# Weaver's TaylorMade Queens



## magnet-man (Jul 10, 2004)

I sell an awful lot of beesuits to south Texas beekeepers. They want sting protection first then ventilation. Are you sure you want a queen from south Texas? Just my two cents.


----------



## Grant (Jun 12, 2004)

magnet-man said:


> Are you sure you want a queen from south Texas? Just my two cents.
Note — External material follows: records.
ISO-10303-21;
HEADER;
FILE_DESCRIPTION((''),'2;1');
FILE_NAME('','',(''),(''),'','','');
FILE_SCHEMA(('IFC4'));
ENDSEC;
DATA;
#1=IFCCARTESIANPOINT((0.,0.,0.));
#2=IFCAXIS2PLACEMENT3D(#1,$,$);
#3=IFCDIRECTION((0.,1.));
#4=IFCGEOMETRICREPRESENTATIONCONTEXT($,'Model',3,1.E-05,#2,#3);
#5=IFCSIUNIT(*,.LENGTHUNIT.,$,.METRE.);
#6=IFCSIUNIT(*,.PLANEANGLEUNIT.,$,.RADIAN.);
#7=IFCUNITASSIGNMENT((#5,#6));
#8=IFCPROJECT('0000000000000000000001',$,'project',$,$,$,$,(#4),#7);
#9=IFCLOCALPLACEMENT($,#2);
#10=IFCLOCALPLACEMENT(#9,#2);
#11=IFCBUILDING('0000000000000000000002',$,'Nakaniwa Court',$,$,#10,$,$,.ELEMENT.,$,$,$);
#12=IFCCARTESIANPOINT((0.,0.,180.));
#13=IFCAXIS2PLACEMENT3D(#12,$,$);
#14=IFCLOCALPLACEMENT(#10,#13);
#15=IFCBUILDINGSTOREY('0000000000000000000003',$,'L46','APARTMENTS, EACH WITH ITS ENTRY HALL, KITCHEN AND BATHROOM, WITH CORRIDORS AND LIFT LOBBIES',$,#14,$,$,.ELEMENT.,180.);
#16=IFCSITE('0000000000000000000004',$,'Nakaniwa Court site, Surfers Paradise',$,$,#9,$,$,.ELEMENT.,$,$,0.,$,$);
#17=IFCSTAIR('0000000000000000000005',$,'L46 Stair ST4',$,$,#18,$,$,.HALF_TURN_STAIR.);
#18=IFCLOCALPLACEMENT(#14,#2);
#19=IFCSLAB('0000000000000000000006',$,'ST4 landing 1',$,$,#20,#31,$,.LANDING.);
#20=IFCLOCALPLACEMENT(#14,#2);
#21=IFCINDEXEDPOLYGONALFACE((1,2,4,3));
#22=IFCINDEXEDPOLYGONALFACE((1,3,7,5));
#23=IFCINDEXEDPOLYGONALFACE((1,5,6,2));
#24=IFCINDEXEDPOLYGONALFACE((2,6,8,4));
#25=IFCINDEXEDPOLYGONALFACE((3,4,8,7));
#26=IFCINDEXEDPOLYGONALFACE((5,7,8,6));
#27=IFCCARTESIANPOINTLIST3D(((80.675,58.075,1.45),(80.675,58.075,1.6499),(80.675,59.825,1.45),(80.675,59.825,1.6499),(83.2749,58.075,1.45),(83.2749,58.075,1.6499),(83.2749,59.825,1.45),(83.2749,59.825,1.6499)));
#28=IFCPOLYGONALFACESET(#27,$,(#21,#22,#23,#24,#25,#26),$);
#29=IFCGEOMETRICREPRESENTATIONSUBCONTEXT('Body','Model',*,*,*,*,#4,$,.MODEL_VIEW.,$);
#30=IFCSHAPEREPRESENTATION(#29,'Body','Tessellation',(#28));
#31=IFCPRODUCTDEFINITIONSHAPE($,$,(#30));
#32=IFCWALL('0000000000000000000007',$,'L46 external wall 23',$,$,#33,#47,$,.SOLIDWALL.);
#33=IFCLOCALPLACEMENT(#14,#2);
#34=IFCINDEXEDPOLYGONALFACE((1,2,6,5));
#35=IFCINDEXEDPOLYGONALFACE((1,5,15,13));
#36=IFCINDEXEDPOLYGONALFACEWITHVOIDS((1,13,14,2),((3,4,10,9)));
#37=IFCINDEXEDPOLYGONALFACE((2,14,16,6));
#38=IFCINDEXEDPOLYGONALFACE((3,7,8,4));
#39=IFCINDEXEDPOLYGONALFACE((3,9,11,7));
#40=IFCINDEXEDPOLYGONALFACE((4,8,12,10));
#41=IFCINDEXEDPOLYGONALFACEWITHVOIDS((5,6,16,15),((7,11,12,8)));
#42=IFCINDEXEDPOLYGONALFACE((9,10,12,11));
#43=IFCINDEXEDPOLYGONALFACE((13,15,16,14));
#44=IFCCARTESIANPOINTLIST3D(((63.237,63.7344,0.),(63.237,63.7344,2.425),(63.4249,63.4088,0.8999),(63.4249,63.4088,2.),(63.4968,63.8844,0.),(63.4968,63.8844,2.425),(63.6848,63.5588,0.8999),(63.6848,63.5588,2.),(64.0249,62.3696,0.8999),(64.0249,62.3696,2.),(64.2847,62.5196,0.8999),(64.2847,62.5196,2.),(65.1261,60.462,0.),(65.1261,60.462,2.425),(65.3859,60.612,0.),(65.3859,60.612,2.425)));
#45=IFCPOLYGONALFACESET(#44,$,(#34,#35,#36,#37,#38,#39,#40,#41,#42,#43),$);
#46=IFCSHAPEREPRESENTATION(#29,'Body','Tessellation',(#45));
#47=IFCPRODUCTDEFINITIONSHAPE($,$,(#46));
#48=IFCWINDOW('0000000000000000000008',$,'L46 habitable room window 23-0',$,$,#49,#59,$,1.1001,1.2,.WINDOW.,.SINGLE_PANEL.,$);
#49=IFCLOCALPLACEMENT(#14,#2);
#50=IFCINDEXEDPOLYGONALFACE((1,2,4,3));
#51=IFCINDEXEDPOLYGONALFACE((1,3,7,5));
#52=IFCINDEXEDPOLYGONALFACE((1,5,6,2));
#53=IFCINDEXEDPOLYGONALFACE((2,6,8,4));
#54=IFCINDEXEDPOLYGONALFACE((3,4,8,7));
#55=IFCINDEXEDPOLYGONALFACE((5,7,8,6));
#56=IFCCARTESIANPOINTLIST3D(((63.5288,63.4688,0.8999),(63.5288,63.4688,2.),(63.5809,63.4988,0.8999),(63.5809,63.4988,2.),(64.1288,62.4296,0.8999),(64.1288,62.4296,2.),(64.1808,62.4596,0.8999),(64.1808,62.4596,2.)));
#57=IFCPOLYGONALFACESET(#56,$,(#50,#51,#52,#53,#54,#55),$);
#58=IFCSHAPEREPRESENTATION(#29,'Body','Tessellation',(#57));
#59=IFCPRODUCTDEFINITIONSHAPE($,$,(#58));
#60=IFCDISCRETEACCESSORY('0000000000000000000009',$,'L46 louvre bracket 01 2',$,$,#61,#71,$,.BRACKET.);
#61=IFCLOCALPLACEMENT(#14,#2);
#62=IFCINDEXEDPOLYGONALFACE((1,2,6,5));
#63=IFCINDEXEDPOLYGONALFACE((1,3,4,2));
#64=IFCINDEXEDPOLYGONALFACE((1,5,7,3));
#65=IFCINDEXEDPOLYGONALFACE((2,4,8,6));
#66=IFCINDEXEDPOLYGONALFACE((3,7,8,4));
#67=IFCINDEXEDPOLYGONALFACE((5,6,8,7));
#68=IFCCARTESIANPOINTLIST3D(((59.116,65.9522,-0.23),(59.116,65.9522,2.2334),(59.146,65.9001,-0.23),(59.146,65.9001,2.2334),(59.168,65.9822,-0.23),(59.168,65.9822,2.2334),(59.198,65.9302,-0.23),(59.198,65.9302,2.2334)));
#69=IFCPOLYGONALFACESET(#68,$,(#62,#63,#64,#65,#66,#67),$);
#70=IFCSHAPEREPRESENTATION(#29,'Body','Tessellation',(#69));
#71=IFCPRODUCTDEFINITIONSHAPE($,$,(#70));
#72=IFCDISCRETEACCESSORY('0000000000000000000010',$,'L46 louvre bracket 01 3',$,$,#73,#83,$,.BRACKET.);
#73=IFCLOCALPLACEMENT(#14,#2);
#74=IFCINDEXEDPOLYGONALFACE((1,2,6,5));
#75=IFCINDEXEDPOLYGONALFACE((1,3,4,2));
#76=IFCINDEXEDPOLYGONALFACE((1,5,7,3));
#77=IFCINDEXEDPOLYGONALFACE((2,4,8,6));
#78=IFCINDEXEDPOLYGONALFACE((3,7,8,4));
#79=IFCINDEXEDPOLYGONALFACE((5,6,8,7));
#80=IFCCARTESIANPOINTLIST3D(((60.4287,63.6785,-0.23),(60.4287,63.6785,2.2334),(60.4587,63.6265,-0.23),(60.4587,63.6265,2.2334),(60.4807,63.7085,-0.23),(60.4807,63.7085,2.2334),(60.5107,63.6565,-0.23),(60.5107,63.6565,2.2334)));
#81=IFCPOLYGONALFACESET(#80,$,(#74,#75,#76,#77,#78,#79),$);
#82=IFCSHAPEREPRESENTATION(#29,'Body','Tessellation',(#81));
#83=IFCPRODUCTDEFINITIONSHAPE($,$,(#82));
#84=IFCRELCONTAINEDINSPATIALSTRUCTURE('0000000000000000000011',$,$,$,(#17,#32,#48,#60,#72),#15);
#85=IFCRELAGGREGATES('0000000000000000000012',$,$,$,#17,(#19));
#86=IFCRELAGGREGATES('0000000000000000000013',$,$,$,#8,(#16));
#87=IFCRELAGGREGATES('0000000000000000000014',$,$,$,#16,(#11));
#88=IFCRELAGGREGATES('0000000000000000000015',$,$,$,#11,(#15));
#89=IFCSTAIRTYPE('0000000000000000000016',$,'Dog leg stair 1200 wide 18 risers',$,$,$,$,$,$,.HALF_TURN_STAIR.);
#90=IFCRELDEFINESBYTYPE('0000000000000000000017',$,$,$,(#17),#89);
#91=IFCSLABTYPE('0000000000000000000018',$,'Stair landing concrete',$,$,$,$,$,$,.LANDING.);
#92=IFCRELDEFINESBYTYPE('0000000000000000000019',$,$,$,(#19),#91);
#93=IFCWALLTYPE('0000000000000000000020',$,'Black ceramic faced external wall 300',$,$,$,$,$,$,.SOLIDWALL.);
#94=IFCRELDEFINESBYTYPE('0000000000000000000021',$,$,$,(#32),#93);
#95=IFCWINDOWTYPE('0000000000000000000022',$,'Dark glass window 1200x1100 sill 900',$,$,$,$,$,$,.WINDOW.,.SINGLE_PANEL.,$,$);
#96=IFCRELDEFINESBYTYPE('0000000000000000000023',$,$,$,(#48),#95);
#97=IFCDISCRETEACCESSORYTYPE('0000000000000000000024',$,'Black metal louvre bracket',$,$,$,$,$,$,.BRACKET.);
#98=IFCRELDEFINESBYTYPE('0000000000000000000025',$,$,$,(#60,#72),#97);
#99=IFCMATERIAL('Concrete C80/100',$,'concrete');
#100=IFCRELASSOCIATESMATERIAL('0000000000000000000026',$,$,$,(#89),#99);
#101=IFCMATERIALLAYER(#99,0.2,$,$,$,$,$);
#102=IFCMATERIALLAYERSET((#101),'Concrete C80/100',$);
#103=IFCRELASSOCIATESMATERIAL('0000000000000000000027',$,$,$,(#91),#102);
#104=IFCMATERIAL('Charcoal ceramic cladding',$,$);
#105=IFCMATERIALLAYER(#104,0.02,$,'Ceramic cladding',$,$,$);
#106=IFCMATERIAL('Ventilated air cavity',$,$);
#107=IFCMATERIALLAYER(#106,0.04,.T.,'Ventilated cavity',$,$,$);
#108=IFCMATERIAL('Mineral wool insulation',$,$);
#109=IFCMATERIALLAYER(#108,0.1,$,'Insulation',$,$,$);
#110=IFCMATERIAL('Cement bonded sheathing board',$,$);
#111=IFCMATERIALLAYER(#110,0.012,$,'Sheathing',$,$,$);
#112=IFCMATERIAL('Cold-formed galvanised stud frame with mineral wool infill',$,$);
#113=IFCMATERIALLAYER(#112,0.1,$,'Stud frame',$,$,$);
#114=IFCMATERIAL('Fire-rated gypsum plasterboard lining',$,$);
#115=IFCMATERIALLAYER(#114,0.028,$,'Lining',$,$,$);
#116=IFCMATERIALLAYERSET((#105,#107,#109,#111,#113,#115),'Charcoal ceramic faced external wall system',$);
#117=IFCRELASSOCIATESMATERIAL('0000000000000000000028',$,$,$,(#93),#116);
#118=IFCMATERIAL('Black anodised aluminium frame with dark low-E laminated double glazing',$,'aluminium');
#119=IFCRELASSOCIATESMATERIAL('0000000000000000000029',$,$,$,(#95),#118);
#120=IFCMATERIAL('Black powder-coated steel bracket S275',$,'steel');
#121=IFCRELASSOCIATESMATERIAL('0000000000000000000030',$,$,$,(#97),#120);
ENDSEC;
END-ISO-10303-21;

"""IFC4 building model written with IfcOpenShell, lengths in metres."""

from ifc_helpers import new_model, si_unit, direction, frame, frame_2d, origin, origin_2d, place, context, subcontext, project, spatial, polyline, rectangle, outline, extrude, material, layer, layer_set, type_object, element, fill, aggregate, save


model = new_model("IFC4")

# Units and contexts
model_context = context("Model", 3, precision=1e-05, world=origin(), true_north=direction((0.0, 1.0)))
body_context = subcontext(model_context, "Body", "Model", "MODEL_VIEW")
ifc_project = project(units=[si_unit("LENGTHUNIT", "METRE"), si_unit("PLANEANGLEUNIT", "RADIAN")], contexts=[model_context])

# Site, building, storey
site_placement = place(None, origin())
site = spatial("IfcSite", under=ifc_project, at=site_placement, Name="Nakaniwa Court site, Surfers Paradise", CompositionType="ELEMENT", RefElevation=0.0)
building_placement = place(site_placement, origin())
building = spatial("IfcBuilding", under=site, at=building_placement, Name="Nakaniwa Court", CompositionType="ELEMENT")
storey_placement = place(building_placement, frame((0.0, 0.0, 180.0)))
storey = spatial("IfcBuildingStorey", under=building, at=storey_placement, Name="L46", Description="APARTMENTS, EACH WITH ITS ENTRY HALL, KITCHEN AND BATHROOM, WITH CORRIDORS AND LIFT LOBBIES", CompositionType="ELEMENT", Elevation=180.0)

# Shared definitions
ifc_material_1 = material(Name="Concrete C80/100", Category="concrete")

# Stair, slab
stair_type = type_object("IfcStairType", Name="Dog leg stair 1200 wide 18 risers", PredefinedType="HALF_TURN_STAIR", material=ifc_material_1)
ifc_layer_1 = layer(ifc_material_1, 0.2)
ifc_layer_set_1 = layer_set([ifc_layer_1], Name="Concrete C80/100")
slab_type_1 = type_object("IfcSlabType", Name="Stair landing concrete", PredefinedType="LANDING", material=ifc_layer_set_1)
stair_1_placement = place(storey_placement, origin())
stair_1 = element("IfcStair", 1, at=stair_1_placement, inside=storey, type_object=stair_type, Name="L46 Stair ST4", PredefinedType="HALF_TURN_STAIR")
slab_1_placement = place(storey_placement, frame((0.0, 0.0, 1.45)))
slab_1 = element("IfcSlab", 2, at=slab_1_placement, type_object=slab_type_1, Name="ST4 landing 1", PredefinedType="LANDING", context=body_context, shape_type="SweptSolid", body=[
    extrude(outline(polyline([(83.2749, 58.075), (83.2749, 59.825), (80.675, 59.825), (80.675, 58.075), (83.2749, 58.075)])), origin(), (0.0, 0.0, 1.0), 0.2),
])
aggregate(stair_1, [slab_1])

# Wall, opening, window
ifc_material_2 = material(Name="Charcoal ceramic cladding")
ifc_layer_2 = layer(ifc_material_2, 0.02, Name="Ceramic cladding")
ifc_material_3 = material(Name="Ventilated air cavity")
ifc_layer_3 = layer(ifc_material_3, 0.04, ventilated=True, Name="Ventilated cavity")
ifc_material_4 = material(Name="Mineral wool insulation")
ifc_layer_4 = layer(ifc_material_4, 0.1, Name="Insulation")
ifc_material_5 = material(Name="Cement bonded sheathing board")
ifc_layer_5 = layer(ifc_material_5, 0.012, Name="Sheathing")
ifc_material_6 = material(Name="Cold-formed galvanised stud frame with mineral wool infill")
ifc_layer_6 = layer(ifc_material_6, 0.1, Name="Stud frame")
ifc_material_7 = material(Name="Fire-rated gypsum plasterboard lining")
ifc_layer_7 = layer(ifc_material_7, 0.028, Name="Lining")
ifc_layer_set_2 = layer_set([ifc_layer_2, ifc_layer_3, ifc_layer_4, ifc_layer_5, ifc_layer_6, ifc_layer_7], Name="Charcoal ceramic faced external wall system")
wall_type = type_object("IfcWallType", Name="Black ceramic faced external wall 300", PredefinedType="SOLIDWALL", material=ifc_layer_set_2)
wall_placement = place(storey_placement, frame((63.3669, 63.8093, 0.0), z_axis=(0.0, 0.0, 1.0), x_axis=(0.499961, -0.866048, 0.0)))
wall = element("IfcWall", 3, at=wall_placement, inside=storey, type_object=wall_type, Name="L46 external wall 23", PredefinedType="SOLIDWALL", context=body_context, shape_type="SweptSolid", body=[
    extrude(rectangle(XDim=3.7786, YDim=0.3, at=frame_2d((1.8892, 0.0))), origin(), (0.0, 0.0, 1.0), 2.425),
])
opening_placement = place(wall_placement, frame((0.3757, 0.0, 0.8999)))
opening = element("IfcOpeningElement", 4, at=opening_placement, cuts=wall, PredefinedType="OPENING", context=body_context, shape_type="SweptSolid", body=[
    extrude(rectangle(XDim=1.2, YDim=1.1001, at=frame_2d((0.6001, 0.55))), frame((0.0, 0.1599, 0.0), z_axis=(0.0, -1.0, 0.0), x_axis=(1.0, 0.0, 0.0)), (0.0, 0.0, 1.0), 0.3201),
])
ifc_material_8 = material(Name="Black anodised aluminium frame with dark low-E laminated double glazing", Category="aluminium")
window_type = type_object("IfcWindowType", Name="Dark glass window 1200x1100 sill 900", PartitioningType="SINGLE_PANEL", PredefinedType="WINDOW", material=ifc_material_8)
window_placement = place(opening_placement, origin())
These are Austrailian bees. They're not from south Texas. I was just curious how they fared coming from a country that has no varroa pressure to a country overloaded with varroa and a host of other complications.

Grant
Jackson, MO


----------



## comb (Jan 12, 2006)

*Weaver Queens*

I Ordered 1 Buckfast Queen 4 Yrs Ago . Service Was Great Was One Hot Hot Colony Just My 2 Cents


----------



## pahvantpiper (Apr 25, 2006)

Ordered 200 Taylormaid queens the spring of '07. Had HUGE problems with chaulkbrood on nucs headed by these queens. BWeaver queens themselves are quite good. 

Has anyone tried the Autralian queens from Brown & Shamrock?


----------



## magnet-man (Jul 10, 2004)

You might ask this question in the commercial beekeeping forum. A number of them use Australian bees.


----------